The Stanyon party soon took leave, and Lady Bolderwood went with Marianne upstairs to her dressing-room, in the expectation of hearing every detail of her visit. She did indeed hear that Marianne had enjoyed herself very much, that Lady St Erth had been kind, and dear Drusilla very kind, that the ball had been delightful, and she had had so many partners she could not remember the half of them; but it seemed to her that her daughter was rather abstracted. She supposed that she was tired from so much excitement, and expected her to profit by a long night’s rest.
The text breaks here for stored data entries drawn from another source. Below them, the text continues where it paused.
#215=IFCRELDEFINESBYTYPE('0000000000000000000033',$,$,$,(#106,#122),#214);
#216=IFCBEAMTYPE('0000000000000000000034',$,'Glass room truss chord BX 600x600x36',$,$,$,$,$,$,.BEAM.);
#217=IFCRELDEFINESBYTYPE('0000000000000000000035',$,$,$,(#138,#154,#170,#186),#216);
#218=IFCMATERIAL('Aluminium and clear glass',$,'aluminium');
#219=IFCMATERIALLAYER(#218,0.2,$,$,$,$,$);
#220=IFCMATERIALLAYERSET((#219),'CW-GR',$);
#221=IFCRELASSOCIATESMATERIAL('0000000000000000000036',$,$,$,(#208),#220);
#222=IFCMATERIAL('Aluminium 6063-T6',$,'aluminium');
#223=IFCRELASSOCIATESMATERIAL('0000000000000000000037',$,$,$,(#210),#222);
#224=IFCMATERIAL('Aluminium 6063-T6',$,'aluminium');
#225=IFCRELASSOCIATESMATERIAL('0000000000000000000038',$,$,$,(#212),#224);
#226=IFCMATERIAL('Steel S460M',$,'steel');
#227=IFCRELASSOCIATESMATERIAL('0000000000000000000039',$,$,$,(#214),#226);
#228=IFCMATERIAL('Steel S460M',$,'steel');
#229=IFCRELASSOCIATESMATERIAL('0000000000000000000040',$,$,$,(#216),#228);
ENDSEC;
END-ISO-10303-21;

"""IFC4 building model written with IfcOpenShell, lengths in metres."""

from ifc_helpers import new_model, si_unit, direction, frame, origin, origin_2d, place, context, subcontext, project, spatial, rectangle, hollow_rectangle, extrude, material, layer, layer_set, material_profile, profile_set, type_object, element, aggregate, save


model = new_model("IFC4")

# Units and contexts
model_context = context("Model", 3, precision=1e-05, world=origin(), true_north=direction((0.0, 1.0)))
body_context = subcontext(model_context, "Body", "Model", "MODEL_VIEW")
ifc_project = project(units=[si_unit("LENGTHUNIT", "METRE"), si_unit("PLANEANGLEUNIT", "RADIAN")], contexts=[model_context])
But on the following morning Marianne was more abstracted than ever; paid very little heed to Mr Warboys, who called at Whissenhurst on the plausible excuse of wishing to know how Sir Thomas was going on; and was three times discovered by her Mama to be lost in some day-dream: once when she should have been practising her music, once when she had been desired to wash the Sèvres ornaments in the drawingroom, and once when she should have been setting stitches in the sampler destined for her Aunt Caroline. Lady Bolderwood felt herself to be obliged to speak reprovingly to her, pointing out to her that if she allowed herself to be so much affected by one country-ball, a Season in London would transform her into a good-for-nothing miss, never happy except when at a party. Much discomposed, Marianne bent over the sampler, murmuring that it was not that, and indeed she did not care so very much for parties.
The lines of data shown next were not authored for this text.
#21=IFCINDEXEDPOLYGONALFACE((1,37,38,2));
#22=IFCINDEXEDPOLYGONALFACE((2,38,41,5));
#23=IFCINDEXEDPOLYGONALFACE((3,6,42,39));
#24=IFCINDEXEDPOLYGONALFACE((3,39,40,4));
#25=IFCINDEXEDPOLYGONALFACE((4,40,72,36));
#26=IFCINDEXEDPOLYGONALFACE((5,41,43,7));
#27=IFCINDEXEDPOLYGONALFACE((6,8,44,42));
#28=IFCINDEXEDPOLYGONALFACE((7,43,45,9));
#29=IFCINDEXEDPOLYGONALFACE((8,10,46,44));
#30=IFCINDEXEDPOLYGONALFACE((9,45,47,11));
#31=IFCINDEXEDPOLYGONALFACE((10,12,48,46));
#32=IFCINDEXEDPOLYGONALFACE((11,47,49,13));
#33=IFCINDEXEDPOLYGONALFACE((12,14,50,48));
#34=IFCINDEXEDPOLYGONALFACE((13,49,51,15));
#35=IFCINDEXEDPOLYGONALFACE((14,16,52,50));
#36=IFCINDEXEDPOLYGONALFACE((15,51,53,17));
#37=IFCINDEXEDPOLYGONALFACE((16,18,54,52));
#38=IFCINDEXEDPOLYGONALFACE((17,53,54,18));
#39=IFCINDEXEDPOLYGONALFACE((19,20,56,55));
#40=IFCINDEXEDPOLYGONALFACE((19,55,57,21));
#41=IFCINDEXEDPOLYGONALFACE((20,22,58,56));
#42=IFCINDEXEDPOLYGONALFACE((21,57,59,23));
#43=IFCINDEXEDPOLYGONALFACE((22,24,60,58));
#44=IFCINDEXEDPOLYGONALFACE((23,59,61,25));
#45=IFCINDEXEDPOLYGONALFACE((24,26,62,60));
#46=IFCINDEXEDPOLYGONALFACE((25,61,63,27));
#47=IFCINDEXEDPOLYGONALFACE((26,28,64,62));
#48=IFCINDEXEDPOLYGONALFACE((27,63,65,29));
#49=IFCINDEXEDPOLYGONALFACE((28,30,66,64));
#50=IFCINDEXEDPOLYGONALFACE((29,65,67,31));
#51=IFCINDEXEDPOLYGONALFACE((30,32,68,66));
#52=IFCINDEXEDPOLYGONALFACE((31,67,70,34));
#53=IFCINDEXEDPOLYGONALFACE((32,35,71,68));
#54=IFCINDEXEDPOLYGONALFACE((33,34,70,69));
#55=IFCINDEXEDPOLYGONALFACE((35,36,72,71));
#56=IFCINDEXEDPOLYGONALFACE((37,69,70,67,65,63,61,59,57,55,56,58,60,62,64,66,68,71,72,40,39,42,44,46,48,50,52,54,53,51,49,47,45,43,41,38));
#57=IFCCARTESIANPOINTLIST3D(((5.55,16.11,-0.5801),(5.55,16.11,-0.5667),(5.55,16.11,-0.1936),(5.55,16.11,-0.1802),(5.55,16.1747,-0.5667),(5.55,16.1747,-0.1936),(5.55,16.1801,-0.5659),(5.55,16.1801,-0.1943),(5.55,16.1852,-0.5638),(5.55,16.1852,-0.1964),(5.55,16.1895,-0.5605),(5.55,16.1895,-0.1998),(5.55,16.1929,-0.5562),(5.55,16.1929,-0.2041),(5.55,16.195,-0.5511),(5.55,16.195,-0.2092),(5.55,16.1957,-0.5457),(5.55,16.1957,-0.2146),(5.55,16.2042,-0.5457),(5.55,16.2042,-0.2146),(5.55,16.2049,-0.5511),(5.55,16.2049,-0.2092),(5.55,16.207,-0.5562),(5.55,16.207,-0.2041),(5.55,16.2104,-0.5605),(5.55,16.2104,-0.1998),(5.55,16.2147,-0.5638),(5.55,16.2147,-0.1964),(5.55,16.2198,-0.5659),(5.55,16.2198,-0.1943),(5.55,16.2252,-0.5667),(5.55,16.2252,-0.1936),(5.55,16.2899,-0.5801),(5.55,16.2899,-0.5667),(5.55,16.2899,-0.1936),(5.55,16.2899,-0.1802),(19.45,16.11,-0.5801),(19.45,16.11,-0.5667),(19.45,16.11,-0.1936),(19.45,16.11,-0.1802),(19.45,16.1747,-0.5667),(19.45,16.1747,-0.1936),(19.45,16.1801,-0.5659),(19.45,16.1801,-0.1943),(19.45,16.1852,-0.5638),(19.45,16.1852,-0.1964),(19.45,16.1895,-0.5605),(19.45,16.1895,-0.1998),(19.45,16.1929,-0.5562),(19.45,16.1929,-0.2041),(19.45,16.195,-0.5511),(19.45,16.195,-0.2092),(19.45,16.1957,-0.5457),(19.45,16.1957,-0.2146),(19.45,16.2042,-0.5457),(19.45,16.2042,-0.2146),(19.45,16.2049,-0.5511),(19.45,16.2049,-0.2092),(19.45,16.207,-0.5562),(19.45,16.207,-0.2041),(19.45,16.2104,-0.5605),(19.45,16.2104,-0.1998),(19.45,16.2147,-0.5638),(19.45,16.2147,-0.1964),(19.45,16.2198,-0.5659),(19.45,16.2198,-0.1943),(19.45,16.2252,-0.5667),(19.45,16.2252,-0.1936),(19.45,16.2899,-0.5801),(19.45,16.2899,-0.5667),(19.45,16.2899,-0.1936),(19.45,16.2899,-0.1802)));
‘Well, my love, you must not let Stanyon make you discontented, you know. I daresay the Rutlands, and their set, may have been very agreeable, but I did not like to see you so uncivil to poor Barny Warboys.’
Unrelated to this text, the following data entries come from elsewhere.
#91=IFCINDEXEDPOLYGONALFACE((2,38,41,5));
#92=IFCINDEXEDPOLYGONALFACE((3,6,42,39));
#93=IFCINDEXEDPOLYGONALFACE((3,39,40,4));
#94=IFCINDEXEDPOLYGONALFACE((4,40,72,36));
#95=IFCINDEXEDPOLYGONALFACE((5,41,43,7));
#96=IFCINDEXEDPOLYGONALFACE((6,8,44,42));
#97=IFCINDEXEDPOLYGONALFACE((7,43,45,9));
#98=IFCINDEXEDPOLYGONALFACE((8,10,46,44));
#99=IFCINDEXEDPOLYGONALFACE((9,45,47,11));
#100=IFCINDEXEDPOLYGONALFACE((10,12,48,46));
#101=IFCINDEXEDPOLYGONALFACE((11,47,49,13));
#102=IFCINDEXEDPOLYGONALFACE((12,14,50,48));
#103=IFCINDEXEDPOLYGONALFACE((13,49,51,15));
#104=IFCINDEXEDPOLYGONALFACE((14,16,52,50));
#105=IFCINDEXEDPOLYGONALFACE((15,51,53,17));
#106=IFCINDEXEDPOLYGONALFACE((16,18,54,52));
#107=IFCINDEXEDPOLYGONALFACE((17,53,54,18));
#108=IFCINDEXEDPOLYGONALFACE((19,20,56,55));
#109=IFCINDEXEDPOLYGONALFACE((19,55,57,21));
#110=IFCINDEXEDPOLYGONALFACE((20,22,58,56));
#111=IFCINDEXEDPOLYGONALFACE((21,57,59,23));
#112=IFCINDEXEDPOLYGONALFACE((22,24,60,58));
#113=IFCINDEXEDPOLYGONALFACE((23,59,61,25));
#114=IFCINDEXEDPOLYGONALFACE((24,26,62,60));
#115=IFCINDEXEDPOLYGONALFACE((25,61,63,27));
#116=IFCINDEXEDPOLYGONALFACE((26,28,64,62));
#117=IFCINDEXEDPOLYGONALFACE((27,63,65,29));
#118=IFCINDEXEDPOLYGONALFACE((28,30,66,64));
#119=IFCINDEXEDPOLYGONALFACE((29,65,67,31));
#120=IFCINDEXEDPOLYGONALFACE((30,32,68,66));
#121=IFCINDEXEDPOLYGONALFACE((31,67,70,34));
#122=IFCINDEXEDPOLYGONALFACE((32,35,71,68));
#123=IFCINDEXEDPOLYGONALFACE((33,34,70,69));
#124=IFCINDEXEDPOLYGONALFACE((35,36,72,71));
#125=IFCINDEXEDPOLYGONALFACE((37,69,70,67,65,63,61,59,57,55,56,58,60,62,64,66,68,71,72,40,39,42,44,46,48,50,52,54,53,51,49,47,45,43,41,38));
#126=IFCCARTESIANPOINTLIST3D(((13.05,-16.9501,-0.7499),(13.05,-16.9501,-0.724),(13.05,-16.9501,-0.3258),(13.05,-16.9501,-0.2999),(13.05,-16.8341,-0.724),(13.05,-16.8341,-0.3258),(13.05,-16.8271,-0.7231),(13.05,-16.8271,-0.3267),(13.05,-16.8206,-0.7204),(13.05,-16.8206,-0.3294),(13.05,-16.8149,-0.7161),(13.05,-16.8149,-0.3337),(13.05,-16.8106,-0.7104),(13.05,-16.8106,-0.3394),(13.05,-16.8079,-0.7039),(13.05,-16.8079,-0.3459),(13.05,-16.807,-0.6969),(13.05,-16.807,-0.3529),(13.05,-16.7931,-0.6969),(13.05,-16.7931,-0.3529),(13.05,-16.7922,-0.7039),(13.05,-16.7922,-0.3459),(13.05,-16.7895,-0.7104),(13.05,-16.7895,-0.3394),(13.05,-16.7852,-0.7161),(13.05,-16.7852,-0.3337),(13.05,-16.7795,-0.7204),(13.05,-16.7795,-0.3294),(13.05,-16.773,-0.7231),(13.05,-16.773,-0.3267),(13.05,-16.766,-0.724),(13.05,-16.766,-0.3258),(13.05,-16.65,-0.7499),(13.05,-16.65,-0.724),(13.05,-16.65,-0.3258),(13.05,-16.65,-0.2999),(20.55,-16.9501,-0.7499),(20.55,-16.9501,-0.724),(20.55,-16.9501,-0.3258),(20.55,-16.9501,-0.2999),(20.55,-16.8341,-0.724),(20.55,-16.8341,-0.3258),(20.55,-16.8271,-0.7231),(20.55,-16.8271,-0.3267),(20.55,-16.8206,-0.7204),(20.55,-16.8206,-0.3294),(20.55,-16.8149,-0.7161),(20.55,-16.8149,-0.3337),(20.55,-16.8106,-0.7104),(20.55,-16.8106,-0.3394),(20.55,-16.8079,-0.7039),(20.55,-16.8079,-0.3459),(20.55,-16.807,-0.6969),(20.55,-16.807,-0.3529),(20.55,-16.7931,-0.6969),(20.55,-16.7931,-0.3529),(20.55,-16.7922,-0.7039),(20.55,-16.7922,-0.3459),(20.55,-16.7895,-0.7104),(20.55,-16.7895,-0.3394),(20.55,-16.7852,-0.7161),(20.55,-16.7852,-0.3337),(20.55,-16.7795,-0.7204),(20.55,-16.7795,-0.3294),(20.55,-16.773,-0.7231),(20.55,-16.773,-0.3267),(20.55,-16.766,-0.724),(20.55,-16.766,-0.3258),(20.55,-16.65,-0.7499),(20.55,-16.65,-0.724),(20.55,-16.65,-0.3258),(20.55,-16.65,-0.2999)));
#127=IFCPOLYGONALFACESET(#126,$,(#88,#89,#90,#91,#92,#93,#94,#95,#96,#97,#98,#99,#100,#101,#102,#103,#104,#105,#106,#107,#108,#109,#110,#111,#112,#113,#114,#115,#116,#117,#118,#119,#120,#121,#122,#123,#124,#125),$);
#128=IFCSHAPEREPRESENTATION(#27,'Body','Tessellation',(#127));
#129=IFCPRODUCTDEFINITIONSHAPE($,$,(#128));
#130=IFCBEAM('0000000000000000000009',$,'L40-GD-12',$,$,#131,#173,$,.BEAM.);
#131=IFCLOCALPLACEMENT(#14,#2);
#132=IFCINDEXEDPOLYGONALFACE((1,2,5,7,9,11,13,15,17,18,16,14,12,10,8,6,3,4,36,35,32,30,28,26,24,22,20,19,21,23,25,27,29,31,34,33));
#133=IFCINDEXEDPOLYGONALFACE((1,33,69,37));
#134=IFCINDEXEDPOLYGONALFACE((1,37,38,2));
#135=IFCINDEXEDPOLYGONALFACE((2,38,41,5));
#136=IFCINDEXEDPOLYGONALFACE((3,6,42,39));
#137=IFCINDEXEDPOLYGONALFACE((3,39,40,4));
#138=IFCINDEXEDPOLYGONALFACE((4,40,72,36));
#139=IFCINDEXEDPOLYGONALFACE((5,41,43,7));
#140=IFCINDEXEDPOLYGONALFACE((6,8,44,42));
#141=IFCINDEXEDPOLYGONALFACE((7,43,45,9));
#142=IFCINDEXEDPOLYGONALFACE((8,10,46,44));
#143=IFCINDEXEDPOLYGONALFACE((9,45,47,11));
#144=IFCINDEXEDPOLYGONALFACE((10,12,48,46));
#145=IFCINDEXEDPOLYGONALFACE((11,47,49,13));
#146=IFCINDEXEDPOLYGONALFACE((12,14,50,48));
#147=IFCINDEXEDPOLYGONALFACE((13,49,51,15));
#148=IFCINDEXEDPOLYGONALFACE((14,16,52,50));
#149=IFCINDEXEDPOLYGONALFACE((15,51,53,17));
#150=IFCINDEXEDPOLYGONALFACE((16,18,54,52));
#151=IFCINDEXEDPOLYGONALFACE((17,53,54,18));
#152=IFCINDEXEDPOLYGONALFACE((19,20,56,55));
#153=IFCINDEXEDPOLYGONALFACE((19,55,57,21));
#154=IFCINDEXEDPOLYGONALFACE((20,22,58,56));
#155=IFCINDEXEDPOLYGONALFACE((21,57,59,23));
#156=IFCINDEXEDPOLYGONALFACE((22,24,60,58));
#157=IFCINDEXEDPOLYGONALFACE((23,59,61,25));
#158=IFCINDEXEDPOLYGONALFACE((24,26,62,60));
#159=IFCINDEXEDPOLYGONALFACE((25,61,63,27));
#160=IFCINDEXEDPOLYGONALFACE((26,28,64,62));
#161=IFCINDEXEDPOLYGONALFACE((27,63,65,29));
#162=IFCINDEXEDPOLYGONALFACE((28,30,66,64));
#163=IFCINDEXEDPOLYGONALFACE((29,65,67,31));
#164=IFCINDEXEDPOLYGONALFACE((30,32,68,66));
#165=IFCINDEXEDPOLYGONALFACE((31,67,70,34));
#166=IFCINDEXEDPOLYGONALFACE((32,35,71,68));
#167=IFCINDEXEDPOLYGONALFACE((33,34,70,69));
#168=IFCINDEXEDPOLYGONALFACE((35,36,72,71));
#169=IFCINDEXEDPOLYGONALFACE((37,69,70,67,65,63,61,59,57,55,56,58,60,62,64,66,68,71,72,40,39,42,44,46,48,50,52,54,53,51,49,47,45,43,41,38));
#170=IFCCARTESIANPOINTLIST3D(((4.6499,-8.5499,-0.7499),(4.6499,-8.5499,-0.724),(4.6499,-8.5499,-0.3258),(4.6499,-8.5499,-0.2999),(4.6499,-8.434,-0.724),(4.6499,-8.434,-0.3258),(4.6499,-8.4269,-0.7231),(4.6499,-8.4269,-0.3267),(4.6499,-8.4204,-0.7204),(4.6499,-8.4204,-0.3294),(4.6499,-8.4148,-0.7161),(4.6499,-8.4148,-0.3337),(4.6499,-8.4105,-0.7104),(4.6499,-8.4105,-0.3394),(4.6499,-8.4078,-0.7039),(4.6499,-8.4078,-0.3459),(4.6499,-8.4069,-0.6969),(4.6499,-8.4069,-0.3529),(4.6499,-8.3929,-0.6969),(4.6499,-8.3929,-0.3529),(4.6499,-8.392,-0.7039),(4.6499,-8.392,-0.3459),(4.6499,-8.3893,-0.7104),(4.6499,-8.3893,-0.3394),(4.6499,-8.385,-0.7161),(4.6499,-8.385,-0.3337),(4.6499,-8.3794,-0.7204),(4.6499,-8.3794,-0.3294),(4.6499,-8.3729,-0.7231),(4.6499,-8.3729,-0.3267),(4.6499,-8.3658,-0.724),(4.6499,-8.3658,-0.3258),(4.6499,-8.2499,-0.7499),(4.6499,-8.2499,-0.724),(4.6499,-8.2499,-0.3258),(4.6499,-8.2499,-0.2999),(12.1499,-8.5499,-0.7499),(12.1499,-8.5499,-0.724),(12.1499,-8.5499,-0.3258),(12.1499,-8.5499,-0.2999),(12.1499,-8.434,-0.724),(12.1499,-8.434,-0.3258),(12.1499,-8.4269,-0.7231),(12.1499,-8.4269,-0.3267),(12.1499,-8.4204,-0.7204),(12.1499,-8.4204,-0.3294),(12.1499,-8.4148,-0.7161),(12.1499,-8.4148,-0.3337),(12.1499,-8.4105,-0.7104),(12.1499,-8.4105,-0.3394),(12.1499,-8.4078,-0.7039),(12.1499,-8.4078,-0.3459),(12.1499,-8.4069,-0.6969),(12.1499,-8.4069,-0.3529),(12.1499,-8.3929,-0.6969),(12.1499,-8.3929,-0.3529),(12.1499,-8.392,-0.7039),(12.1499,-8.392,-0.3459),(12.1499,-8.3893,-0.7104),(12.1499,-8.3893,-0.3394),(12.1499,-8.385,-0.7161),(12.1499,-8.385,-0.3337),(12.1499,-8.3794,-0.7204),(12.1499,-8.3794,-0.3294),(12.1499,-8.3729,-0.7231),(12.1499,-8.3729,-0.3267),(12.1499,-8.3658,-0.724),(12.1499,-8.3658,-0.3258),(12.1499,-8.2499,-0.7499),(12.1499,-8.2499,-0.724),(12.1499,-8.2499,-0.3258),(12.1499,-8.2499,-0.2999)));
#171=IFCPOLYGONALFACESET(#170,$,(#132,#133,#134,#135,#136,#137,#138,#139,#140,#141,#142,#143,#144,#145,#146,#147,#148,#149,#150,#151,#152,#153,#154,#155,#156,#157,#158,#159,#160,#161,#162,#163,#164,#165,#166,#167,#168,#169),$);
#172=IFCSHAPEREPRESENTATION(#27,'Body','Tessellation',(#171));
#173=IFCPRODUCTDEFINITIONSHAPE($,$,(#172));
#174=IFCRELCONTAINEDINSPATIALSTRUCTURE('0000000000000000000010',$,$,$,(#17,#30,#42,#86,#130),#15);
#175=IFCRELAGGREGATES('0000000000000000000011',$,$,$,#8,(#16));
‘Oh, no, Mama!’ Marianne protested, tears starting to her eyes.
‘You did not make him very welcome, did you? One should never discard old friends, my dear, for new ones.’
‘I did not mean – I have the head-ache a little!’ Marianne faltered. ‘Indeed I did not mean to be unkind to Barny!’
‘No, my love, I am persuaded you would not mean to be unkind,’ Lady Bolderwood said, patting her cheek. ‘It is just that your mind is running a little too much on your pleasuring at Stanyon. There! don’t cry! I know I have only to give you a hint.’
Marianne kissed her, and promised amendment. She did indeed perform conscientiously such tasks as were given her, but her spirits were uneven. At one moment she would be her merry self, at the next she would be pensive, slipping away to walk by herself in the shrubbery, or sitting with her eyes bent on the pages of a book, and her thoughts far away. The various young gentlemen who paid morning-visits to Whissenhurst found her gay, but disinclined to flirt with them, a change which Lady Bolderwood at first saw with satisfaction, and which soon led her to suspect that Marianne might have got into a scrape at Stanyon. When Martin came to Whissenhurst, and was met by Marianne with unaccustomed formality, she was sure of it, and she begged her daughter to tell her what had occurred. Marianne, hanging down her head, admitted that Martin had tried to make love to her, but she hastened to add that it had not been so very bad, and Drusilla had thought it would be foolish to refine too much upon it.
‘Drusilla Morville is a very sensible girl,’ said Lady Bolderwood approvingly. ‘She is perfectly right, and perhaps I am not sorry that it happened, for it has made you see what flirting leads to, my dear, and in future you will take better care, I am sure.’
She believed that the want of tone in Marianne’s spirits was now accounted for, but when she confided the story to her husband he disconcerted her by saying in his bluff way: ‘Well, Mama, you should know your daughter best, but it’s the first time I ever heard of a girl’s moping about the house because a handsome young fellow shows himself to be head over ears in love with her!’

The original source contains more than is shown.